President Abraham Lincoln is one of the most honorable men ever to have served in office. Of course, he’s known for the Emancipation Proclamation and many other lasting decisions, but many may not know of his animal rights leanings—even back in the 1800s.
Young Lincoln’s affinity for animals was likely sparked by a pig who became his constant companion. The boy was just 6 years old when his family acquired a piglet, and the two quickly became best friends. They played together, roamed the woods, enjoyed games of hide-and-seek, and simply delighted in each other’s company.
As he recounted in his own words in Ferdinand C. Iglehart’s anthology The Speaking Oak, Lincoln’s “heart got as heavy as lead” when he overheard his father say he planned to kill the now full-size hog. The young boy slipped out and took the pig to the forest in a desperate attempt to hide him. But he said that he knew “all hope was gone” when he discovered that his angry father had found the pig, returned him to the pen, and slaughtered him.
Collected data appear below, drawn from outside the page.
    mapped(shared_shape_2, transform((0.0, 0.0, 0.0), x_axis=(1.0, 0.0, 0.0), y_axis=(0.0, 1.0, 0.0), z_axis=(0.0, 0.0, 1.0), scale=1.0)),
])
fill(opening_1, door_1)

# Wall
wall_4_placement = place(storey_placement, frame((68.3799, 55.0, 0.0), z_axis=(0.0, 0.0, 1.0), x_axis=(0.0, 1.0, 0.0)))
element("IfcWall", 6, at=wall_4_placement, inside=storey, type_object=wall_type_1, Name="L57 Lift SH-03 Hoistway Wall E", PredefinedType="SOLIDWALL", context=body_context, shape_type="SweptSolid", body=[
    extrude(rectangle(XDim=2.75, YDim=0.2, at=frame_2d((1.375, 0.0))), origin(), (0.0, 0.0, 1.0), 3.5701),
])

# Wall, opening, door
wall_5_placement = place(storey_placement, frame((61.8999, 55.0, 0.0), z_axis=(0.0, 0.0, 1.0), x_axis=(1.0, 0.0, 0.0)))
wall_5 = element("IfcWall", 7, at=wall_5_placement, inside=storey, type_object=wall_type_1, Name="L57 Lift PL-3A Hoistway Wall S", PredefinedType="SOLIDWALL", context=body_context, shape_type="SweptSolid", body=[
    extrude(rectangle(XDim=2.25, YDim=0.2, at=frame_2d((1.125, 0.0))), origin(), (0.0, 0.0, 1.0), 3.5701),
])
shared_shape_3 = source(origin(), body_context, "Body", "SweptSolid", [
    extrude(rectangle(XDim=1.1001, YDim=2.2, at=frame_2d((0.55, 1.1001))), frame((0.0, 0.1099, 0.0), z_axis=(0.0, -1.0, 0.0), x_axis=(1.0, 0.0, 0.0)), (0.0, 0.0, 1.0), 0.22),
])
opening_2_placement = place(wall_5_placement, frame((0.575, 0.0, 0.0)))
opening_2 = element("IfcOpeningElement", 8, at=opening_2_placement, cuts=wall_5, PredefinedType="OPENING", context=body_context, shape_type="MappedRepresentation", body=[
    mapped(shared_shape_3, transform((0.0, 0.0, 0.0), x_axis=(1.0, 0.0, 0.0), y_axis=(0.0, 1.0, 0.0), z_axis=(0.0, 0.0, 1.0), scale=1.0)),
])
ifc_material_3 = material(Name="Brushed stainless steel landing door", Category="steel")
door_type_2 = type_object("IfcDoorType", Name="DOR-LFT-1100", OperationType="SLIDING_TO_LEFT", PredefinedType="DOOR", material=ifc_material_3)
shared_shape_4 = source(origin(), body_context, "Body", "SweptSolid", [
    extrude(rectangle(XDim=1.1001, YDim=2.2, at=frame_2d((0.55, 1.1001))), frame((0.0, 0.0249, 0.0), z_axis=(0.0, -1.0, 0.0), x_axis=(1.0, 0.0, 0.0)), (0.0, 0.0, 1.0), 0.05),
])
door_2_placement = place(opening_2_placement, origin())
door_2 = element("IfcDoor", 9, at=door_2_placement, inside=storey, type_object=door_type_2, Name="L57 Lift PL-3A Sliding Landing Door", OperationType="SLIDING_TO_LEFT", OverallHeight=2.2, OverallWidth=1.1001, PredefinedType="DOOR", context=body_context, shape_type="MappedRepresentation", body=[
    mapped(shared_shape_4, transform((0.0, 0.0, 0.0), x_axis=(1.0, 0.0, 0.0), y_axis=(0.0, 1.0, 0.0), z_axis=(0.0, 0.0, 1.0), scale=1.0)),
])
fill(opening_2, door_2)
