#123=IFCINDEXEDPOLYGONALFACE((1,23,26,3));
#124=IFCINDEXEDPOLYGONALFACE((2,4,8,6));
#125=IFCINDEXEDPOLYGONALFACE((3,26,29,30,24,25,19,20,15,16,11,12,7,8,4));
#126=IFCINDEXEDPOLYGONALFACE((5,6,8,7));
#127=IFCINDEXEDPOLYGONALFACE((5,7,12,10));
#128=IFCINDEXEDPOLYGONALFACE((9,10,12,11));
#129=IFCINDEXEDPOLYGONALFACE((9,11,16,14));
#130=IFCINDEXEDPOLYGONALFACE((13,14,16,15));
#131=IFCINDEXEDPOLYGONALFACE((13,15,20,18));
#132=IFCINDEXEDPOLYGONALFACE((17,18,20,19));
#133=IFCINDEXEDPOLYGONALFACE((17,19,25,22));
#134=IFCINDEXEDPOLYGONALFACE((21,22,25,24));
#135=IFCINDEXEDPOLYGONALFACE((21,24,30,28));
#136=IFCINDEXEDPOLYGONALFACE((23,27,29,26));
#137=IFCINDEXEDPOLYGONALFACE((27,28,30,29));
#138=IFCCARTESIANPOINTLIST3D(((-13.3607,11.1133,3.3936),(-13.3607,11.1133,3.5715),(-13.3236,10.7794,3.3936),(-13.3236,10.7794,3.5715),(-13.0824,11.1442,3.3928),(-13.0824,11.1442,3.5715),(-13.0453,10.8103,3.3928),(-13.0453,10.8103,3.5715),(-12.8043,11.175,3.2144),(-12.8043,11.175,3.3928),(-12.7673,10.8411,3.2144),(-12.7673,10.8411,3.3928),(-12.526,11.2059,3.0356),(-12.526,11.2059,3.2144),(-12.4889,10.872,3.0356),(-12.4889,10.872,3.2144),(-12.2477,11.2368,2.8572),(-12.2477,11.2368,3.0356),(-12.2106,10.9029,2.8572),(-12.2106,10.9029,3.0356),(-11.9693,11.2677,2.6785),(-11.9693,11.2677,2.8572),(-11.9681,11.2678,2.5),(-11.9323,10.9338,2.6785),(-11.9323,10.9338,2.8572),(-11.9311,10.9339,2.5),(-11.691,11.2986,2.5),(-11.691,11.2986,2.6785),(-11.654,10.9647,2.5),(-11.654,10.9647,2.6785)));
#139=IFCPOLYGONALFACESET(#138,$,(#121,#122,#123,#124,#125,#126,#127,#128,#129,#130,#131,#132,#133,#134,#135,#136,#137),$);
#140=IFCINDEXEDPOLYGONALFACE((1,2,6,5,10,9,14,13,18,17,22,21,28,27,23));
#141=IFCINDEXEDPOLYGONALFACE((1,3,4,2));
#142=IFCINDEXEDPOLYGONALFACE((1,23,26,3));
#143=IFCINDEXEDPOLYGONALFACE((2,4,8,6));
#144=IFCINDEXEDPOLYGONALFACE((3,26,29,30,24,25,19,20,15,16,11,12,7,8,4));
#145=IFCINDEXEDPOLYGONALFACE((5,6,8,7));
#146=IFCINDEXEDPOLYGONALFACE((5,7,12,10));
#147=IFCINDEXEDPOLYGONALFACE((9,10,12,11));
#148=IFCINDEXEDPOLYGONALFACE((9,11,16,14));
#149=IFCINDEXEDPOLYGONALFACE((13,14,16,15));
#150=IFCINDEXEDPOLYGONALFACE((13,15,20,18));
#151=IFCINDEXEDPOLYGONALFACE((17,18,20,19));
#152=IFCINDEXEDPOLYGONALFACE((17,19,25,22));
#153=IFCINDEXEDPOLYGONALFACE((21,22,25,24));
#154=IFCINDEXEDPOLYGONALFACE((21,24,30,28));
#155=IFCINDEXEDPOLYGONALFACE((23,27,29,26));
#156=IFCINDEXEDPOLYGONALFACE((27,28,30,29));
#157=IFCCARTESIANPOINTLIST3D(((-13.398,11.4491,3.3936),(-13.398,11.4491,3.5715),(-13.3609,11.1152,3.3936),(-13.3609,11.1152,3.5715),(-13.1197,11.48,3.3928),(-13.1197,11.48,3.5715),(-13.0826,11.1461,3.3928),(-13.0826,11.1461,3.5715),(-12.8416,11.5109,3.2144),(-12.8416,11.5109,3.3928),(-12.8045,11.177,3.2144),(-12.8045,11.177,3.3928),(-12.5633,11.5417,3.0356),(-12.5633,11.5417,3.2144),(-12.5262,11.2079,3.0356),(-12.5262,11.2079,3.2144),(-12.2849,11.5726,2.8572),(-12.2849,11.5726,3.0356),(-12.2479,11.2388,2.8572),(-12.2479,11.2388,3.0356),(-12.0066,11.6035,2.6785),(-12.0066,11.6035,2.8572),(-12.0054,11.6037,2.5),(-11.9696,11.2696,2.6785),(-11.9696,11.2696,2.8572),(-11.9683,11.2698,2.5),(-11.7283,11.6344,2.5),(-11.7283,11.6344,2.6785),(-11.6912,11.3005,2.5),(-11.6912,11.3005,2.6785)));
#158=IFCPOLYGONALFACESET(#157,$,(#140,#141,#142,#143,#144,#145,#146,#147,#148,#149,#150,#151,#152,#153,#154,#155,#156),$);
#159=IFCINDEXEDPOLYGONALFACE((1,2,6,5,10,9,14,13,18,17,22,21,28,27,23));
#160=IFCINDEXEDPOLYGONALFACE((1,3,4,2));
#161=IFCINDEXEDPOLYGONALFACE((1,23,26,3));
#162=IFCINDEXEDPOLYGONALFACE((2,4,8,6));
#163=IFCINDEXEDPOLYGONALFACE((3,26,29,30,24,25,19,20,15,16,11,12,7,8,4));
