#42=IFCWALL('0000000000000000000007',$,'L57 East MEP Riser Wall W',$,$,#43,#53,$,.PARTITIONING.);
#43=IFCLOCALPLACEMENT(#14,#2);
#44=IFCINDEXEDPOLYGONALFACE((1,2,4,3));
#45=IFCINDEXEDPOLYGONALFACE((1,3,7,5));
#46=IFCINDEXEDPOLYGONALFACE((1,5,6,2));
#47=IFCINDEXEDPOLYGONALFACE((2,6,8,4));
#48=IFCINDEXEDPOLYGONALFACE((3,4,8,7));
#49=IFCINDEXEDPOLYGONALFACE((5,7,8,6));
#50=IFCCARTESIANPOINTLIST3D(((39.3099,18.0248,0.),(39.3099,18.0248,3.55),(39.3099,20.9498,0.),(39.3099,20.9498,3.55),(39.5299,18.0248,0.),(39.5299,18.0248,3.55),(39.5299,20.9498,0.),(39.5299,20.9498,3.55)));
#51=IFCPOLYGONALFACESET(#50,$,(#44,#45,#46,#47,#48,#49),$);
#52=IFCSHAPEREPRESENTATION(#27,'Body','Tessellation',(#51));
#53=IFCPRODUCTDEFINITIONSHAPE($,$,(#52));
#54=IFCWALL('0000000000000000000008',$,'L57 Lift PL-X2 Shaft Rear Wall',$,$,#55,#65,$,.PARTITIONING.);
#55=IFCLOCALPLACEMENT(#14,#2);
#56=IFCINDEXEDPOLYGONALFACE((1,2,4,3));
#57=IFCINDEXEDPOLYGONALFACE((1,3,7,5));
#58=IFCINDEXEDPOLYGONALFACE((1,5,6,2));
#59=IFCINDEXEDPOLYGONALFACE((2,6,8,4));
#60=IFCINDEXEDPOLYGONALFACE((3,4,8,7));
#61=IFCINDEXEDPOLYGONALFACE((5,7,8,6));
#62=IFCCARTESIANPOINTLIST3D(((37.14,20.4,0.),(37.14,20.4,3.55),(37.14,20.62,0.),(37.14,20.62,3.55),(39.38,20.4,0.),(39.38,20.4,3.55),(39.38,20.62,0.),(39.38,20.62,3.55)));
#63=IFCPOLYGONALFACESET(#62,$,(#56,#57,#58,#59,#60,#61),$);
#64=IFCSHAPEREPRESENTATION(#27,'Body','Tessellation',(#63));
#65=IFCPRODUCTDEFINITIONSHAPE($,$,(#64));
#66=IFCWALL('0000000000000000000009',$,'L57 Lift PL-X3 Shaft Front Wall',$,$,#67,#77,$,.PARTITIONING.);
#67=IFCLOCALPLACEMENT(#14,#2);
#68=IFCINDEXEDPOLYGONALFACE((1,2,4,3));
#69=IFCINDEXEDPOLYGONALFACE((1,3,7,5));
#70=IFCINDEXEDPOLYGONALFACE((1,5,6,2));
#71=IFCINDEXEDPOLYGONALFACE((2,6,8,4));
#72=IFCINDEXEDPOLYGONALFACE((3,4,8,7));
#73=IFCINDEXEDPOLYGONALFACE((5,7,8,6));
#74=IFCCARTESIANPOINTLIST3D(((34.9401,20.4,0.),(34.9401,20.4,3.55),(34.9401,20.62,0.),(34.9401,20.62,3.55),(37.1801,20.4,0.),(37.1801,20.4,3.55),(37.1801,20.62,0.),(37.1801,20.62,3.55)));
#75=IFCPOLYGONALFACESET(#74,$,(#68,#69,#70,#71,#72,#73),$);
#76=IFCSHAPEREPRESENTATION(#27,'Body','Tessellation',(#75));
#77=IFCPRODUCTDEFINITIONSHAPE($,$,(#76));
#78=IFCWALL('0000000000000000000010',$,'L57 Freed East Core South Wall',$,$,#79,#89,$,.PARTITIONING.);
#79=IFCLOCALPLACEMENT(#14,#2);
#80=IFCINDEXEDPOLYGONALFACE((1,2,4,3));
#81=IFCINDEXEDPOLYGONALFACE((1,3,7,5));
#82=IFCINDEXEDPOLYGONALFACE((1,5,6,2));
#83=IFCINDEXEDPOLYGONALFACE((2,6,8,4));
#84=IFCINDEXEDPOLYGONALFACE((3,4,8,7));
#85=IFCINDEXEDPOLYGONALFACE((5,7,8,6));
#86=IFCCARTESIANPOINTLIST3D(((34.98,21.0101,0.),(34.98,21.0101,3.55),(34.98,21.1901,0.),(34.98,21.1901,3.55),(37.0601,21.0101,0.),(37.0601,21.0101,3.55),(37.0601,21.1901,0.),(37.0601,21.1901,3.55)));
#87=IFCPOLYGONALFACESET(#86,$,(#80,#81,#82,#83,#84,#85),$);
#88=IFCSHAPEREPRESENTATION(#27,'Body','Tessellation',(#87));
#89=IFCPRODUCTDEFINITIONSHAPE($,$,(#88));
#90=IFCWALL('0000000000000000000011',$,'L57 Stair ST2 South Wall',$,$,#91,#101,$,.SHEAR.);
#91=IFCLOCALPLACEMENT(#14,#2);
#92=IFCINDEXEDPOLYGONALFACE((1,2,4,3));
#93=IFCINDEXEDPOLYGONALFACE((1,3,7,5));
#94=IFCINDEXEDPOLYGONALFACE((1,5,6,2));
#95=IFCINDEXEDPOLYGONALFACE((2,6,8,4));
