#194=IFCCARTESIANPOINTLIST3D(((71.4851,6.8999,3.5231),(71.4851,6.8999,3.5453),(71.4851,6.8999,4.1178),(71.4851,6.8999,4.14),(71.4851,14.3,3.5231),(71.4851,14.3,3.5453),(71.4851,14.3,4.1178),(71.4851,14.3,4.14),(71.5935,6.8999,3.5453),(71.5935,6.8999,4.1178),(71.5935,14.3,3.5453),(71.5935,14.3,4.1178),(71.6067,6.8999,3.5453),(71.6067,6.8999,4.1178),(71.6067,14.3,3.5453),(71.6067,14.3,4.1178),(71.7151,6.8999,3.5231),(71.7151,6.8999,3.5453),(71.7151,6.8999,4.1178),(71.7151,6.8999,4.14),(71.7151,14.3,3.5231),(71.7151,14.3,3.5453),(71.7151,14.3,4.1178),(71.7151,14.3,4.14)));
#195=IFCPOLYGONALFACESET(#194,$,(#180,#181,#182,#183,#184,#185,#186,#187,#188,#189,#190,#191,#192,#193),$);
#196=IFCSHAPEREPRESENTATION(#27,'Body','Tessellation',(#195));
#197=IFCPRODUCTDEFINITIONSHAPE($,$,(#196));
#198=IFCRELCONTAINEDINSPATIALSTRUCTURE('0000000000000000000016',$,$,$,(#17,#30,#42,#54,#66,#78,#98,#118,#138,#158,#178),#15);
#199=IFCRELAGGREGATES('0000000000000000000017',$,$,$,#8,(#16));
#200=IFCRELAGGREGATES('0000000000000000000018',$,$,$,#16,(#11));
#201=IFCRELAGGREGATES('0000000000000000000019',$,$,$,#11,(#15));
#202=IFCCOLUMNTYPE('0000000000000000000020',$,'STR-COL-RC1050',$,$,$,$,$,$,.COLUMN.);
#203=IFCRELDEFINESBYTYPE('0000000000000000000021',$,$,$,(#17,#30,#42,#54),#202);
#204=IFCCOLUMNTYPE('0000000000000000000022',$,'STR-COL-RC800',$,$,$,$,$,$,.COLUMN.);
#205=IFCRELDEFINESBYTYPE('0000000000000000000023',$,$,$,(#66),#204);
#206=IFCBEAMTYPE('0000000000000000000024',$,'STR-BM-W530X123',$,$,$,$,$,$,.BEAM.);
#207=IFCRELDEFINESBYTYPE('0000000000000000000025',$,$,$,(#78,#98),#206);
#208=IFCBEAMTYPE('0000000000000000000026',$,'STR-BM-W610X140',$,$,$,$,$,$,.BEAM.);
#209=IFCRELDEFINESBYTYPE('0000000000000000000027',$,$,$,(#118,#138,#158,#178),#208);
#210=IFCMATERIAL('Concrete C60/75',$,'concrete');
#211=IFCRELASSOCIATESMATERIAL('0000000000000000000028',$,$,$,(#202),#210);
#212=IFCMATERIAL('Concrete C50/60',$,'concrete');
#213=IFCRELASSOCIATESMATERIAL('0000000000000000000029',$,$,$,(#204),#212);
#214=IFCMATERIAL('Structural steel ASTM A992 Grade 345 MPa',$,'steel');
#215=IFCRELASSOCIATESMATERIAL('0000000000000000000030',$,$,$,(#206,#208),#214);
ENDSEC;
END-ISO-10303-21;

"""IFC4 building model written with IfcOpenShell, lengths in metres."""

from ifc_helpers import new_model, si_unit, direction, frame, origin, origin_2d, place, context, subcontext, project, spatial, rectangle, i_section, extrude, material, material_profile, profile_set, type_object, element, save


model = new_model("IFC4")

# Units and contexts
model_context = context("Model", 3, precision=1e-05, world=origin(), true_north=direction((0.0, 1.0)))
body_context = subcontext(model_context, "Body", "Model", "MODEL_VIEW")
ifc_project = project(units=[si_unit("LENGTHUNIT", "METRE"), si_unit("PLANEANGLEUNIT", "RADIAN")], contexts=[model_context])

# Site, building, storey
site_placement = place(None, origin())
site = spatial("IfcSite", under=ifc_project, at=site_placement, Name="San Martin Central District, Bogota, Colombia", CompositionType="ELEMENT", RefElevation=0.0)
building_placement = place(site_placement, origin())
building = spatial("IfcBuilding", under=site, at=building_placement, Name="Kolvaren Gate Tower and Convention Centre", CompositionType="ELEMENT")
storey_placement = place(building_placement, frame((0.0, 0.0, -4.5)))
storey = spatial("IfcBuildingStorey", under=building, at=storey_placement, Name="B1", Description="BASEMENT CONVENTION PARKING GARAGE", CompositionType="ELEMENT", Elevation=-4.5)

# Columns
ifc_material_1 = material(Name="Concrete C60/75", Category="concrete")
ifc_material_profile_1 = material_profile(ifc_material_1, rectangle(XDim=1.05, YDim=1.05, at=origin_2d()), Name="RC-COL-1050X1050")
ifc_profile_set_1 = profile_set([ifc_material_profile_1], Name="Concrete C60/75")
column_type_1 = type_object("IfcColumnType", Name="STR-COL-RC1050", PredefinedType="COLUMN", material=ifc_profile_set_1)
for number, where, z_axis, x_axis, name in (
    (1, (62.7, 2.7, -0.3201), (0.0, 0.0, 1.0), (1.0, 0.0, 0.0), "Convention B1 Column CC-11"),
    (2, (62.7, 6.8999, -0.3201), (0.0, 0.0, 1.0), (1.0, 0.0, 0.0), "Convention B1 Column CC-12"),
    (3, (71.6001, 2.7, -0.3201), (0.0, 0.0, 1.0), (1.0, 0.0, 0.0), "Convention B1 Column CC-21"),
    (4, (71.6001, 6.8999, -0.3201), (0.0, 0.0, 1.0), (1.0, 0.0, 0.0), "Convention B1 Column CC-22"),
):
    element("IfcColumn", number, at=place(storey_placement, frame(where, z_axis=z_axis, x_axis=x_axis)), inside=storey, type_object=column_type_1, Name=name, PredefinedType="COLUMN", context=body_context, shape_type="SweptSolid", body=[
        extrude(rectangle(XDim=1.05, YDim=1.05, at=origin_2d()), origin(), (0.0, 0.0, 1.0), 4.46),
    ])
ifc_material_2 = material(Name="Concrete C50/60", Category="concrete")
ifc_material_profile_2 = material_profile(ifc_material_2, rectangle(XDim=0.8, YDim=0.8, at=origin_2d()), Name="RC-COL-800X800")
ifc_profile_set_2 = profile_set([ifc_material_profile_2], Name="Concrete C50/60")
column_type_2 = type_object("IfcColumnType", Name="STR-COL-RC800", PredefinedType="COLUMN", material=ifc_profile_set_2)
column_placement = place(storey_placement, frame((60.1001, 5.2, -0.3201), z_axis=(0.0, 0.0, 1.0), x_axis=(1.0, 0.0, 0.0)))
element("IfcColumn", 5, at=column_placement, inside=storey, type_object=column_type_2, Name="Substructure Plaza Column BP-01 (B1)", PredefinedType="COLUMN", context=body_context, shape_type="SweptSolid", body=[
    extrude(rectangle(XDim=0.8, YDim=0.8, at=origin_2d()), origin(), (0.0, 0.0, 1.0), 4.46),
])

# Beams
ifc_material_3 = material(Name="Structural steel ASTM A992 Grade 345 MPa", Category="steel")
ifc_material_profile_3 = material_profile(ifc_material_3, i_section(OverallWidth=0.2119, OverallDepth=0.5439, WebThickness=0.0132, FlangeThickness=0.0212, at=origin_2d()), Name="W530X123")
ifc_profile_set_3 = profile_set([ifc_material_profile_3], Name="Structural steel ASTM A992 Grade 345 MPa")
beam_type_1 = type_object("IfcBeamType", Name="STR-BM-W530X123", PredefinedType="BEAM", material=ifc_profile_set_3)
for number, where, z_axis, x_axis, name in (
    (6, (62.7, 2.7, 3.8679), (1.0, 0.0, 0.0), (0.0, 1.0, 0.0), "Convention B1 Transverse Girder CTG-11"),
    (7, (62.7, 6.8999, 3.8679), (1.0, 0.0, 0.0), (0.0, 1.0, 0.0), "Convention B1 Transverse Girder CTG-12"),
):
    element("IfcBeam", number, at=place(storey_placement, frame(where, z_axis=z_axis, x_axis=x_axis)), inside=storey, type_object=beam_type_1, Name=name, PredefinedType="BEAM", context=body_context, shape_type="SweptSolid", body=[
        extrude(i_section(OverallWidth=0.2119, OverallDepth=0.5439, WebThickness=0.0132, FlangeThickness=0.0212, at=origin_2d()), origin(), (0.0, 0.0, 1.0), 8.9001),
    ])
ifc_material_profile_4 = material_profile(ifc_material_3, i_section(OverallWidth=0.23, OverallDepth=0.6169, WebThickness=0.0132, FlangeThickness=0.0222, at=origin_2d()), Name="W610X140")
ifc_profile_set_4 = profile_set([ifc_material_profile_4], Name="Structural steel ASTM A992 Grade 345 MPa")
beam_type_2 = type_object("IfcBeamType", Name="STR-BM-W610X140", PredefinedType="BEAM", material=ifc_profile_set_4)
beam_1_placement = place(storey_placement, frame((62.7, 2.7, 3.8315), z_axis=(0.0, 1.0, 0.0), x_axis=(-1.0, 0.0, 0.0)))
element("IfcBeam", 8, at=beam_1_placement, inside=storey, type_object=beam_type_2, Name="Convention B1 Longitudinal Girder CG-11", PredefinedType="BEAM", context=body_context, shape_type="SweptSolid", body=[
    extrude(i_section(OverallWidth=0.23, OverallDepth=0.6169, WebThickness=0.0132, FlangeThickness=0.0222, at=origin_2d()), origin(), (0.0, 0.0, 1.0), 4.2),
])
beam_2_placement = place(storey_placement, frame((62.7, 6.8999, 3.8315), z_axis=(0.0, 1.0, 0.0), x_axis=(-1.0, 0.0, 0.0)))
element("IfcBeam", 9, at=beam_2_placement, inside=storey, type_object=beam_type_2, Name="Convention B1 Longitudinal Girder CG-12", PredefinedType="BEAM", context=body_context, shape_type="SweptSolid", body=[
“I saw the hog, dressed, hanging from a pole … and I began to blubber. I could not stand it, and went back into the woods again, where I found some nuts that stayed my appetite till night, when I returned home. They never could get me to take a bit of the meat … it made me sad and sick to even look at it.”
Fast-forward many years. In 1861, King Mongkut of Thailand (then called “Siam”) thought he was being generous when he offered President Abraham Lincoln a pair of elephants who would lead a life of servitude thousands of miles away from their natural homeland.
Ever the diplomat, Lincoln politely declined the king’s offer, stating that the U.S. used steam engines and would have no use for enslaved elephants. “[S]team on land, as well as on water, has been our best and most efficient agent of transportation in internal commerce,” he wrote in his 1862 letter to King Mongkut. Not letting it go at that, the keenly intelligent Lincoln also knew that the climate in the U.S. was unsuitable for elephants, who thrive in a tropical habitat. In an early example of “blaming the weather,” Lincoln told the king that the country “does not reach a latitude so low as to favor the multiplication of the elephant.”
Regrettably, many others with far fewer scruples had no such reservations. Just a few years after Lincoln put the kibosh on elephants as gifts, Ringling Bros. and Barnum & Bailey Circus launched its mercenary business using elephants and other animals—a deadly tradition that would last nearly 150 years before the circus finally went dark in 2017. Many other circuses also took to exploiting animals and, like Ringling, most have rightfully been relegated to the history books.
Even 150 years ago, Lincoln recognized that animals are individuals with wants and needs entirely independent of humans. In acts both large and small, he made a difference. Shouldn’t we all strive to be a little more like Lincoln?